For the patients that we did see, I was interested in observing a professionally-run nutrition appointment from start to finish. All the appointments were follow-ups so I missed out a bit on the original intake, but was able instead to witness the positive impact Michelle’s counseling had on these people’s lives. Michelle was very generous in asking for my input during appointments and letting me work with her on charting. It was a great introduction to my rotation the following week at the Bastyr Center for Natural Health, which is where I had done my nutrition counseling shifts in the last year of my program.

I had six four-hour shifts, four with NDs (naturopathic doctors), one with homeopathy and one with acupuncture. All the shifts were fascinating and showed me a bigger picture of complementary medicine than I got on my nutrition shifts at BCNH. The homeopathy shift was the most foreign to me, and I did not have a chance to participate in the patient’s care because of the nature of it. Maybe I’ll write more on this later…

Each shift supervisor had their specialty but the structure was generally the same for each shift: get the bigger health picture for the patient, prioritize the most important issues and treat them, with a follow-up plan to address the other issues later. Treatments ranged from individually-formulated botanical tinctures and teas, to pharmaceutical-grade supplements, to antibiotics for a protracted case of UTI, and referrals for imaging or blood tests. In this context, nutrition issues were often supplanted (and rightly so) by more acute medical problems like head colds, shoulder pain, etc.
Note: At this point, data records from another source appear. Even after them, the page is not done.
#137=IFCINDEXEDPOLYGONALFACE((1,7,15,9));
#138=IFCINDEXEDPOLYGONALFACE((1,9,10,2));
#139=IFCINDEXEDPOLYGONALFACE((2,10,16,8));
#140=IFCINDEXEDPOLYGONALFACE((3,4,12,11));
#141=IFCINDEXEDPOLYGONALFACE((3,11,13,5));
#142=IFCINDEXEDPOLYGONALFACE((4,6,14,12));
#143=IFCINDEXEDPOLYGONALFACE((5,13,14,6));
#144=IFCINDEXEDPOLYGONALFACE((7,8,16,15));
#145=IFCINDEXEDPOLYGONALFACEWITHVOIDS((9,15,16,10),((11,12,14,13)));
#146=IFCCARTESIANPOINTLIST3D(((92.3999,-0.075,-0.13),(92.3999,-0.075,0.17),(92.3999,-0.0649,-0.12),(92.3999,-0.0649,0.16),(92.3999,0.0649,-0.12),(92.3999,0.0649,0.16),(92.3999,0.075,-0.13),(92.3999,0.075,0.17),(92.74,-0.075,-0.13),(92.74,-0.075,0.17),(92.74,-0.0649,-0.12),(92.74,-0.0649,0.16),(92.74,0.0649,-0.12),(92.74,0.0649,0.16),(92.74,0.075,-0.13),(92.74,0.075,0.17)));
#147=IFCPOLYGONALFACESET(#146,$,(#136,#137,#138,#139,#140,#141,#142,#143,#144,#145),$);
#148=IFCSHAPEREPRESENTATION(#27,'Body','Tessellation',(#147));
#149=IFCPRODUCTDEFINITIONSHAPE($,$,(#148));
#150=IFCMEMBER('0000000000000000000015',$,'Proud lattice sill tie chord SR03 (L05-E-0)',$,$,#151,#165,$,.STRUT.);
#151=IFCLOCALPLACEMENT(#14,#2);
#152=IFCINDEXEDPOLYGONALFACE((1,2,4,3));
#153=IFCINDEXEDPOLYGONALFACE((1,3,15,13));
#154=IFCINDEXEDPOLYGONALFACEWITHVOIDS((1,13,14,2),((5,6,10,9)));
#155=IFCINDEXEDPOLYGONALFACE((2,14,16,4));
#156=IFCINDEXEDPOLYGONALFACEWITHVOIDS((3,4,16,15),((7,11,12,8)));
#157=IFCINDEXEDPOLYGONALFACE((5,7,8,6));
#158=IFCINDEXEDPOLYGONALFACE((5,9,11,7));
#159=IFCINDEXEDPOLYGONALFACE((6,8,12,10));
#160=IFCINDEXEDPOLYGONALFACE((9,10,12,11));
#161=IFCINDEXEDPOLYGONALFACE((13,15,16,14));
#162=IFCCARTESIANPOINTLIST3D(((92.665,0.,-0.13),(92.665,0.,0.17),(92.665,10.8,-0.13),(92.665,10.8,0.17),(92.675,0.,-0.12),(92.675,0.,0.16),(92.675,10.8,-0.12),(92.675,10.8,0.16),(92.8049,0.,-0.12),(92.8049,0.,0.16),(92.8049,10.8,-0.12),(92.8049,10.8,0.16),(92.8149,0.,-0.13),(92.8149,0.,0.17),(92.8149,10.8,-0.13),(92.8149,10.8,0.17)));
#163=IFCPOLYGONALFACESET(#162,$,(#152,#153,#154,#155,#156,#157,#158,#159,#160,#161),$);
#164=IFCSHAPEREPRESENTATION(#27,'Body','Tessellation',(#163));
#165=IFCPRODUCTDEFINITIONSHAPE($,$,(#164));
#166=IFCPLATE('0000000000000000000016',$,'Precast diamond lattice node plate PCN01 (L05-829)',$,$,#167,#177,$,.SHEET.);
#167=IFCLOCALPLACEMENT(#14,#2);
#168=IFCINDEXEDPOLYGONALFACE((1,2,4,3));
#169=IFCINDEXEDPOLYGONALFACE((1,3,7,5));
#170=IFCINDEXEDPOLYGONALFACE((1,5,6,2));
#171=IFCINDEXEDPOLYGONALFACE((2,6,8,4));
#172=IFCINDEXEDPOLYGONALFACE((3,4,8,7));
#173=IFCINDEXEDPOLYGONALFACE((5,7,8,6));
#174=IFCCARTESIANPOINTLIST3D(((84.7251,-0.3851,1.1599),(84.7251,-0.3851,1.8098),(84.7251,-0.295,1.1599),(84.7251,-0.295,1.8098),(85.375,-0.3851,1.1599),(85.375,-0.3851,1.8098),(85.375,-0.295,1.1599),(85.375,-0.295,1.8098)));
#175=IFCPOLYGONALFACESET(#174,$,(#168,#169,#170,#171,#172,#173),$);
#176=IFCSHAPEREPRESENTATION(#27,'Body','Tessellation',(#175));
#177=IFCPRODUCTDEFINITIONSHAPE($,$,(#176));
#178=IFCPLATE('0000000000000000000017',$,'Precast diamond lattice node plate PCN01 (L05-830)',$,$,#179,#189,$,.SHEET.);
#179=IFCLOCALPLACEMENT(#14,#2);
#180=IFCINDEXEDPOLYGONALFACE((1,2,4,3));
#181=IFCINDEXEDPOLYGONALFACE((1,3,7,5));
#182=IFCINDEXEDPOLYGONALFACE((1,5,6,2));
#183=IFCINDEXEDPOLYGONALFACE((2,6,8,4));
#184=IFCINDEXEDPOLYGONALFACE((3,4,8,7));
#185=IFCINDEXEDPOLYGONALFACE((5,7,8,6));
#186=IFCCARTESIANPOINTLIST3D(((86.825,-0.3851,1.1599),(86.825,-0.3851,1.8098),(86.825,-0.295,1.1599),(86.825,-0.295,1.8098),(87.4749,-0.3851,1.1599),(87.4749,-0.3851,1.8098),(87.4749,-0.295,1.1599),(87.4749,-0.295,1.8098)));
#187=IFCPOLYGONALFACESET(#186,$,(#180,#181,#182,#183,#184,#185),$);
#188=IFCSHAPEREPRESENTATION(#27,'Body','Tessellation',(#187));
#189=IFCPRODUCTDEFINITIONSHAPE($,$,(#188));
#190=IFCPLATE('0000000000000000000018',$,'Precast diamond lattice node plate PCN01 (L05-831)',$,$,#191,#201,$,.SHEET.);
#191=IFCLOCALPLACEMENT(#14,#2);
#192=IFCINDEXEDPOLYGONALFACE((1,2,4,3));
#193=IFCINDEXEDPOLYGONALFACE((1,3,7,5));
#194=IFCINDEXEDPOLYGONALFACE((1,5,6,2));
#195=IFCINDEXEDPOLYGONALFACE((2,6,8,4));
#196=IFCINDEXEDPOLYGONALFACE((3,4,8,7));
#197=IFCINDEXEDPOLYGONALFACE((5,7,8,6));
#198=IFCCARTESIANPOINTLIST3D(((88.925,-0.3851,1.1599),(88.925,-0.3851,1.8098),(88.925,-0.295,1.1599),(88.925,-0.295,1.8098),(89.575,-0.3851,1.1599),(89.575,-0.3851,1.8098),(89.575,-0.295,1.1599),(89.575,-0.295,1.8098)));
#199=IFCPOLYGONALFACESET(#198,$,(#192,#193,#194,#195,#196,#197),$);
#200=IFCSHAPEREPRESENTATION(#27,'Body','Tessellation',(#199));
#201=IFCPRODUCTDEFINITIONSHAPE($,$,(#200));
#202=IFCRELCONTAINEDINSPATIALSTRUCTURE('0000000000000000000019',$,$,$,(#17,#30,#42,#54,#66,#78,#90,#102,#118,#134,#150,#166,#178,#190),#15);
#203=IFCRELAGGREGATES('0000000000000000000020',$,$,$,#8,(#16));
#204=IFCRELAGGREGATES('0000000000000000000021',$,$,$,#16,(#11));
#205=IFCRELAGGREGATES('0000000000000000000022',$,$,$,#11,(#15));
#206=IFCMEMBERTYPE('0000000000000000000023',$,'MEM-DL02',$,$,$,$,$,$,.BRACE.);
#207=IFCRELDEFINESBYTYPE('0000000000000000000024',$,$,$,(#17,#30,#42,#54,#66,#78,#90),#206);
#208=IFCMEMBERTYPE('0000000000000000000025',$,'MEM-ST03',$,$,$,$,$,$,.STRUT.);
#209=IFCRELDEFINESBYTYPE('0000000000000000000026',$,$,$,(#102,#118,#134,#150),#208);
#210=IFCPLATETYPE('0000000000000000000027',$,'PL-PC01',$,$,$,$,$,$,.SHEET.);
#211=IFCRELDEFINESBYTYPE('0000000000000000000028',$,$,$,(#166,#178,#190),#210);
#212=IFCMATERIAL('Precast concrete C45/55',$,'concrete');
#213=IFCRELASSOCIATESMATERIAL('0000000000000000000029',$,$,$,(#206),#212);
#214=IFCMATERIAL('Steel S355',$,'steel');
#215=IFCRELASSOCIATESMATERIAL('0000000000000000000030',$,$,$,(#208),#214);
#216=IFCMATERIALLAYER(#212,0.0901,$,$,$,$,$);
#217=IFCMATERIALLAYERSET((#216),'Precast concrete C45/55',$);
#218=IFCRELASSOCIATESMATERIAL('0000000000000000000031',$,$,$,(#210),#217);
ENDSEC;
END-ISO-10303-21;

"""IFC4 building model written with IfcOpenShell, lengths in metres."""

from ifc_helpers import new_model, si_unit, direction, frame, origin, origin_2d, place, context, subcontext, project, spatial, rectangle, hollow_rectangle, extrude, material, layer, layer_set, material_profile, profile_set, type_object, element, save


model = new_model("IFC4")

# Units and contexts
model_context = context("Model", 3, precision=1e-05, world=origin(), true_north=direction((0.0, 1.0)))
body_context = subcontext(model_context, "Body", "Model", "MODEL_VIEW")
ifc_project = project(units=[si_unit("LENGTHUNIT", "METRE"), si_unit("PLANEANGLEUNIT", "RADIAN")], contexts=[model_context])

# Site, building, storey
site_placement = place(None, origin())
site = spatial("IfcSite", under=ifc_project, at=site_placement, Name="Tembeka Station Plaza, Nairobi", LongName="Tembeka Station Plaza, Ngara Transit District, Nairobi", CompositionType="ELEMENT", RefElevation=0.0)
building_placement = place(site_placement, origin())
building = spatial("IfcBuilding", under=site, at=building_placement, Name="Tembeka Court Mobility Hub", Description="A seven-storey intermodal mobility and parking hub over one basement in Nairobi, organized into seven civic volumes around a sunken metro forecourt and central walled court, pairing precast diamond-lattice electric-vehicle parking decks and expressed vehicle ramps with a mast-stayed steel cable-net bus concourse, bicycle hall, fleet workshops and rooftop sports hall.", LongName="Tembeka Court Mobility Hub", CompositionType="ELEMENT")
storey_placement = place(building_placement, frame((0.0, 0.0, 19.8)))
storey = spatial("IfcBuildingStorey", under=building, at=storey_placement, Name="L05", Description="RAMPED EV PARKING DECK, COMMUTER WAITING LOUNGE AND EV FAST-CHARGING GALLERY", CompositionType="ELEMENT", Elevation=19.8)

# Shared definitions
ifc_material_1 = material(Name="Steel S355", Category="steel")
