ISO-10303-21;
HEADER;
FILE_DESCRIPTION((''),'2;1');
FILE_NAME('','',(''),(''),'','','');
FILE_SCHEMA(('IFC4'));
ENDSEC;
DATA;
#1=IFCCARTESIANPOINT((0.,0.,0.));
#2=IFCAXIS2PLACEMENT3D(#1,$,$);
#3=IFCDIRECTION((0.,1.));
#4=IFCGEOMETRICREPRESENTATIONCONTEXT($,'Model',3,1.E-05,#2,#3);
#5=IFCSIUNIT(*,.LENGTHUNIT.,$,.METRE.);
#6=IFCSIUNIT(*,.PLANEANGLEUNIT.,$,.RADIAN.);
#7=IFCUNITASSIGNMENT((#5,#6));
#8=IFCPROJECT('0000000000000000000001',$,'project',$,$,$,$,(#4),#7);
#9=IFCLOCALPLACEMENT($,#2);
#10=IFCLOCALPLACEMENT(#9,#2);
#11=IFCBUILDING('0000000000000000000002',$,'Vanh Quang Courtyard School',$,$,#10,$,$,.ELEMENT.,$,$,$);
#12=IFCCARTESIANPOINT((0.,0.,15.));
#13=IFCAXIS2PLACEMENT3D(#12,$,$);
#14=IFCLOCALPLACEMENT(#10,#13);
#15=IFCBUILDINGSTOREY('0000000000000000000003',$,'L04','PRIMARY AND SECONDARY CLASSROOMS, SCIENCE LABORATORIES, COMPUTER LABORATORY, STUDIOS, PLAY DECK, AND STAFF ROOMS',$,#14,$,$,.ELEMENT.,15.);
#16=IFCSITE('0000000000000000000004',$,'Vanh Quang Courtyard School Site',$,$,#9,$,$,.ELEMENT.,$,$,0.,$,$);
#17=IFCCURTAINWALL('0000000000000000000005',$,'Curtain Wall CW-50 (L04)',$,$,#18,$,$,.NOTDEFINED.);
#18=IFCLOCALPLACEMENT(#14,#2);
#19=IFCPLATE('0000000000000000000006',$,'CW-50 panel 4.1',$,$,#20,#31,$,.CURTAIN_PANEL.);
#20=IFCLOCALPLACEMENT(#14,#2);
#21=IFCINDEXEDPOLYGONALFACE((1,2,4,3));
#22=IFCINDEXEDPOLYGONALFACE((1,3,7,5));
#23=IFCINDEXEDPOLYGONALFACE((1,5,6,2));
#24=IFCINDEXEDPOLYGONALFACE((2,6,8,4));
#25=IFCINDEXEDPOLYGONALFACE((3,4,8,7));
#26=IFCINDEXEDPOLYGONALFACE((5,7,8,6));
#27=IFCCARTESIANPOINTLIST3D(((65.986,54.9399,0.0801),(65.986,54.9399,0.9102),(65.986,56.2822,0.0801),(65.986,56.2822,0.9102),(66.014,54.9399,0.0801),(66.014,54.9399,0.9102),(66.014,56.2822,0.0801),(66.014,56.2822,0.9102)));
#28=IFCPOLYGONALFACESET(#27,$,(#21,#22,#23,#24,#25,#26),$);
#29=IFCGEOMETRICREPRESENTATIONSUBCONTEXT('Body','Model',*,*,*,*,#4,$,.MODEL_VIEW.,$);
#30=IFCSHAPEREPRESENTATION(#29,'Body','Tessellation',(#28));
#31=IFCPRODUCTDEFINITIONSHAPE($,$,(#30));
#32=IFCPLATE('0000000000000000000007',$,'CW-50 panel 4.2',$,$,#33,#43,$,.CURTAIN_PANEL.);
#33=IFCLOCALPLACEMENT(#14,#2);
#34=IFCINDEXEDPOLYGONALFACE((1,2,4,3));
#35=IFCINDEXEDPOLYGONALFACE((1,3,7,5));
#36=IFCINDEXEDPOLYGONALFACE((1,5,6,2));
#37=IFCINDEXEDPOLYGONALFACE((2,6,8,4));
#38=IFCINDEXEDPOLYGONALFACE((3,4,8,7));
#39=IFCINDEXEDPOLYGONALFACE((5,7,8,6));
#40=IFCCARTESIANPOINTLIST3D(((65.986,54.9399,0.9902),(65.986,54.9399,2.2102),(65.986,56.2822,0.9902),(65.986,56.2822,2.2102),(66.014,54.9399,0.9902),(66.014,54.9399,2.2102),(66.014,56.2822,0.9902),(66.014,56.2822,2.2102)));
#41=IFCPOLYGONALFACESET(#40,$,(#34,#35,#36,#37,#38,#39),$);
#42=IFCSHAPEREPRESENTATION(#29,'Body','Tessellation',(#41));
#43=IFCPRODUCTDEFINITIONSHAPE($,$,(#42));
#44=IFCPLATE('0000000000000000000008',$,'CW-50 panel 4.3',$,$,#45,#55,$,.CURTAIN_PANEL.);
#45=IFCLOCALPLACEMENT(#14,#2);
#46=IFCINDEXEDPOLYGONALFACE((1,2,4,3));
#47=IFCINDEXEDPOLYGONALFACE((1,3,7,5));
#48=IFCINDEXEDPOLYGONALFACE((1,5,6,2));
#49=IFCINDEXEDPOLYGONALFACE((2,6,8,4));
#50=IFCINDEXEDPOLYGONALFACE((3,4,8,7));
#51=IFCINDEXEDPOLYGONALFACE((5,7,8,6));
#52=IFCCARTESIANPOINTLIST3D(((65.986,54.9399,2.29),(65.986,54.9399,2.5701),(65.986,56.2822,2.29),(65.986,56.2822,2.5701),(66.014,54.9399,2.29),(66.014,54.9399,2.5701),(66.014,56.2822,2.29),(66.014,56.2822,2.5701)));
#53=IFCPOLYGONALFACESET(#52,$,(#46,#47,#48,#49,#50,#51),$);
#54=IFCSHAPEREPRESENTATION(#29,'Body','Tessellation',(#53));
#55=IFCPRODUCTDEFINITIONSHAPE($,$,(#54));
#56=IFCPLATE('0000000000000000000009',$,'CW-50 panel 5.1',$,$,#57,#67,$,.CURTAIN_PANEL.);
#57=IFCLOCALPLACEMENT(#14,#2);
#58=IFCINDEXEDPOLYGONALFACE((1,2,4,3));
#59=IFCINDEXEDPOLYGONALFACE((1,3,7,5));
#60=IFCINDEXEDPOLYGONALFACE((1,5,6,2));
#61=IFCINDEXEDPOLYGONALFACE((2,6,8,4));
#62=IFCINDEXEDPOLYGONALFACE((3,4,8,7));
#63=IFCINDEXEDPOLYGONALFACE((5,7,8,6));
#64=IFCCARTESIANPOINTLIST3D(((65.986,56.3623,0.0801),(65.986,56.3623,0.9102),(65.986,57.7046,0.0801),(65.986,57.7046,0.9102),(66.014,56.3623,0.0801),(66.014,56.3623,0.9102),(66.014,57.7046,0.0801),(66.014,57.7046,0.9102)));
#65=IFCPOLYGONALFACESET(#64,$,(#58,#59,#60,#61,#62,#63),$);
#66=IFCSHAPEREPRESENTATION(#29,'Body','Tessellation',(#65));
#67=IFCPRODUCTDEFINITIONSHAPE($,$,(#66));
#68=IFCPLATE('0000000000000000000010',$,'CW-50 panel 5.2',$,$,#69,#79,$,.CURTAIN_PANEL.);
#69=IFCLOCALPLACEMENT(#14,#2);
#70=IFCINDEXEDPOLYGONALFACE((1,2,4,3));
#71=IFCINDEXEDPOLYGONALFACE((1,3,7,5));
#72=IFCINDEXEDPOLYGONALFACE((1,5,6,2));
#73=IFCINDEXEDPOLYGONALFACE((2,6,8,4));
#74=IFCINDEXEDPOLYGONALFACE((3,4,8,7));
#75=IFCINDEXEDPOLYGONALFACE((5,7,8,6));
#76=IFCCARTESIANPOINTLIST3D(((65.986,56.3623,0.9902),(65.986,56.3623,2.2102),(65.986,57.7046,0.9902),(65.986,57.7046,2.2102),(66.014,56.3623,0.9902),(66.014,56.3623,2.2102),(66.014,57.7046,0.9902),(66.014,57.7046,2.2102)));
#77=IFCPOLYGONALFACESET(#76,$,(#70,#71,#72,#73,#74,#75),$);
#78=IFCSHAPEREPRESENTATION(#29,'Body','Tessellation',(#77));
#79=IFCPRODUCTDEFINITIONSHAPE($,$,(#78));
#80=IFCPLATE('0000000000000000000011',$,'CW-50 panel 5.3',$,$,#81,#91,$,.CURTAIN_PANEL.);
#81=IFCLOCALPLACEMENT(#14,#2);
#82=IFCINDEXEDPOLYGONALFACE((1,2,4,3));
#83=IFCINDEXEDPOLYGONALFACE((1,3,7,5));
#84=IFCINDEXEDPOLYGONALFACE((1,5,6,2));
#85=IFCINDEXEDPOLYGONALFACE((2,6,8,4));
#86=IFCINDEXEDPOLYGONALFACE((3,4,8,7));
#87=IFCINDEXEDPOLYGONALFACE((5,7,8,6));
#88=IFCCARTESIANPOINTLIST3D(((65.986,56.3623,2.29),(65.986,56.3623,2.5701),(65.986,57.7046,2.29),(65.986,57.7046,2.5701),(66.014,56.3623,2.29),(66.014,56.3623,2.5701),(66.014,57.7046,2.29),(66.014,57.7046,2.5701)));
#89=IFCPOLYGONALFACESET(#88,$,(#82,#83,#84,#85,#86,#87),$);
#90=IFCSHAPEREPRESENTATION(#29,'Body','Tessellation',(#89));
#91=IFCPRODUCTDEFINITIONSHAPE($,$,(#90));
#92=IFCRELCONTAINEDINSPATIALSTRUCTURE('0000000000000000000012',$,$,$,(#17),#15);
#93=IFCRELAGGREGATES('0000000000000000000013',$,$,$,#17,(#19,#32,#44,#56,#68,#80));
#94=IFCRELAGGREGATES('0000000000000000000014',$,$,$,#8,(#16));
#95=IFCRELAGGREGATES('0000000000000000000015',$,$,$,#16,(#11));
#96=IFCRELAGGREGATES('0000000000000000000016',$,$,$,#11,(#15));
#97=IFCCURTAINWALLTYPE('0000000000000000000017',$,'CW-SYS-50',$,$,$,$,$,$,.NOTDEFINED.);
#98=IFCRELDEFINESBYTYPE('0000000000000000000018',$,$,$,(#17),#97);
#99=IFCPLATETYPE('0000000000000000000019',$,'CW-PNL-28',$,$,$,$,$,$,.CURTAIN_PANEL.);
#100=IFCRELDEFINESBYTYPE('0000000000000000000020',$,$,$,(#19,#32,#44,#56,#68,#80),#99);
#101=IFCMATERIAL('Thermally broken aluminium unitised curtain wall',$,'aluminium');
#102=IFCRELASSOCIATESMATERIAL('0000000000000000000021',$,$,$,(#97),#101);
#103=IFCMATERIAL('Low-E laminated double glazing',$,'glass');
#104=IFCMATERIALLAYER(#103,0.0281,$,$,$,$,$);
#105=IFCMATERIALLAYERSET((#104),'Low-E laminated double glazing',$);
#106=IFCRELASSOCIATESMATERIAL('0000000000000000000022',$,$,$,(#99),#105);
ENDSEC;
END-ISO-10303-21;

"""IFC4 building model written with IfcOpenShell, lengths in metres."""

from ifc_helpers import new_model, si_unit, direction, frame, origin, origin_2d, place, context, subcontext, project, spatial, rectangle, extrude, material, layer, layer_set, type_object, element, aggregate, save


model = new_model("IFC4")

# Units and contexts
model_context = context("Model", 3, precision=1e-05, world=origin(), true_north=direction((0.0, 1.0)))
body_context = subcontext(model_context, "Body", "Model", "MODEL_VIEW")
ifc_project = project(units=[si_unit("LENGTHUNIT", "METRE"), si_unit("PLANEANGLEUNIT", "RADIAN")], contexts=[model_context])

# Site, building, storey
site_placement = place(None, origin())
site = spatial("IfcSite", under=ifc_project, at=site_placement, Name="Vanh Quang Courtyard School Site", CompositionType="ELEMENT", RefElevation=0.0)
building_placement = place(site_placement, origin())
building = spatial("IfcBuilding", under=site, at=building_placement, Name="Vanh Quang Courtyard School", CompositionType="ELEMENT")
storey_placement = place(building_placement, frame((0.0, 0.0, 15.0)))
storey = spatial("IfcBuildingStorey", under=building, at=storey_placement, Name="L04", Description="PRIMARY AND SECONDARY CLASSROOMS, SCIENCE LABORATORIES, COMPUTER LABORATORY, STUDIOS, PLAY DECK, AND STAFF ROOMS", CompositionType="ELEMENT", Elevation=15.0)

# Curtain wall
ifc_material_1 = material(Name="Thermally broken aluminium unitised curtain wall", Category="aluminium")
curtain_wall_type = type_object("IfcCurtainWallType", Name="CW-SYS-50", PredefinedType="NOTDEFINED", material=ifc_material_1)
curtain_wall_1_placement = place(storey_placement, origin())
curtain_wall_1 = element("IfcCurtainWall", 1, at=curtain_wall_1_placement, inside=storey, type_object=curtain_wall_type, Name="Curtain Wall CW-50 (L04)", PredefinedType="NOTDEFINED")

# Shared definitions
ifc_material_2 = material(Name="Low-E laminated double glazing", Category="glass")
ifc_layer = layer(ifc_material_2, 0.0281)
ifc_layer_set = layer_set([ifc_layer], Name="Low-E laminated double glazing")
plate_type = type_object("IfcPlateType", Name="CW-PNL-28", PredefinedType="CURTAIN_PANEL", material=ifc_layer_set)

# Plates
plate_1_placement = place(storey_placement, frame((66.0, 55.6111, 0.0801), z_axis=(0.0, 0.0, 1.0), x_axis=(0.0, 1.0, 0.0)))
plate_1 = element("IfcPlate", 2, at=plate_1_placement, type_object=plate_type, Name="CW-50 panel 4.1", PredefinedType="CURTAIN_PANEL", context=body_context, shape_type="SweptSolid", body=[
    extrude(rectangle(XDim=1.3423, YDim=0.0281, at=origin_2d()), origin(), (0.0, 0.0, 1.0), 0.8301),
])
plate_2_placement = place(storey_placement, frame((66.0, 55.6111, 0.9902), z_axis=(0.0, 0.0, 1.0), x_axis=(0.0, 1.0, 0.0)))
plate_2 = element("IfcPlate", 3, at=plate_2_placement, type_object=plate_type, Name="CW-50 panel 4.2", PredefinedType="CURTAIN_PANEL", context=body_context, shape_type="SweptSolid", body=[
    extrude(rectangle(XDim=1.3423, YDim=0.0281, at=origin_2d()), origin(), (0.0, 0.0, 1.0), 1.22),
])
plate_3_placement = place(storey_placement, frame((66.0, 55.6111, 2.29), z_axis=(0.0, 0.0, 1.0), x_axis=(0.0, 1.0, 0.0)))
plate_3 = element("IfcPlate", 4, at=plate_3_placement, type_object=plate_type, Name="CW-50 panel 4.3", PredefinedType="CURTAIN_PANEL", context=body_context, shape_type="SweptSolid", body=[
    extrude(rectangle(XDim=1.3423, YDim=0.0281, at=origin_2d()), origin(), (0.0, 0.0, 1.0), 0.28),
])
plate_4_placement = place(storey_placement, frame((66.0, 57.0334, 0.0801), z_axis=(0.0, 0.0, 1.0), x_axis=(0.0, 1.0, 0.0)))
plate_4 = element("IfcPlate", 5, at=plate_4_placement, type_object=plate_type, Name="CW-50 panel 5.1", PredefinedType="CURTAIN_PANEL", context=body_context, shape_type="SweptSolid", body=[
    extrude(rectangle(XDim=1.3423, YDim=0.0281, at=origin_2d()), origin(), (0.0, 0.0, 1.0), 0.8301),
])
plate_5_placement = place(storey_placement, frame((66.0, 57.0334, 0.9902), z_axis=(0.0, 0.0, 1.0), x_axis=(0.0, 1.0, 0.0)))
plate_5 = element("IfcPlate", 6, at=plate_5_placement, type_object=plate_type, Name="CW-50 panel 5.2", PredefinedType="CURTAIN_PANEL", context=body_context, shape_type="SweptSolid", body=[
    extrude(rectangle(XDim=1.3423, YDim=0.0281, at=origin_2d()), origin(), (0.0, 0.0, 1.0), 1.22),
])
plate_6_placement = place(storey_placement, frame((66.0, 57.0334, 2.29), z_axis=(0.0, 0.0, 1.0), x_axis=(0.0, 1.0, 0.0)))
plate_6 = element("IfcPlate", 7, at=plate_6_placement, type_object=plate_type, Name="CW-50 panel 5.3", PredefinedType="CURTAIN_PANEL", context=body_context, shape_type="SweptSolid", body=[
    extrude(rectangle(XDim=1.3423, YDim=0.0281, at=origin_2d()), origin(), (0.0, 0.0, 1.0), 0.28),
])
aggregate(curtain_wall_1, [plate_1, plate_2, plate_3, plate_4, plate_5, plate_6])

save(model, "model.ifc")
However, I did my best to chime in when I thought there were ways to address the priority issues with nutrition, or when I felt that a referral to the nutrition department was called for. Most of my patient contact was very short (1-5 minutes) though I did have a 20-minute conversation with a patient with severe involuntary weight loss during which I intuited a more emotional component to the weight loss, and I shared this with the students, though I will not get to find out what the cause actually was (and therefore find out if my intuition was correct). During the midpoint, I got to do some of my handy-dandy nutrition calculations and reassure the students that the patient was still above ideal body weight, and in the end was able to give the patient some input into how to prevent further weight loss. Very satisfying. And for the last appointment of the last shift, and the highlight of my week, I gave a 30-second lesson in how to make calcium-rich bone broth for a child on a dairy-free diet.

I’d say my biggest surprise in this rotation was that I was able to convey important nutrition messages quickly that fit in with the overall plan for the patient. My other surprise was how grateful patients were for my input.

Over the next two weeks, the gears really start turning. I’m working with an outpatient diabetes program and will be teaching two or three classes, including a couple of cooking demos for National Diabetes Month. I’ll have a lot more to say about that rotation in a couple of weeks.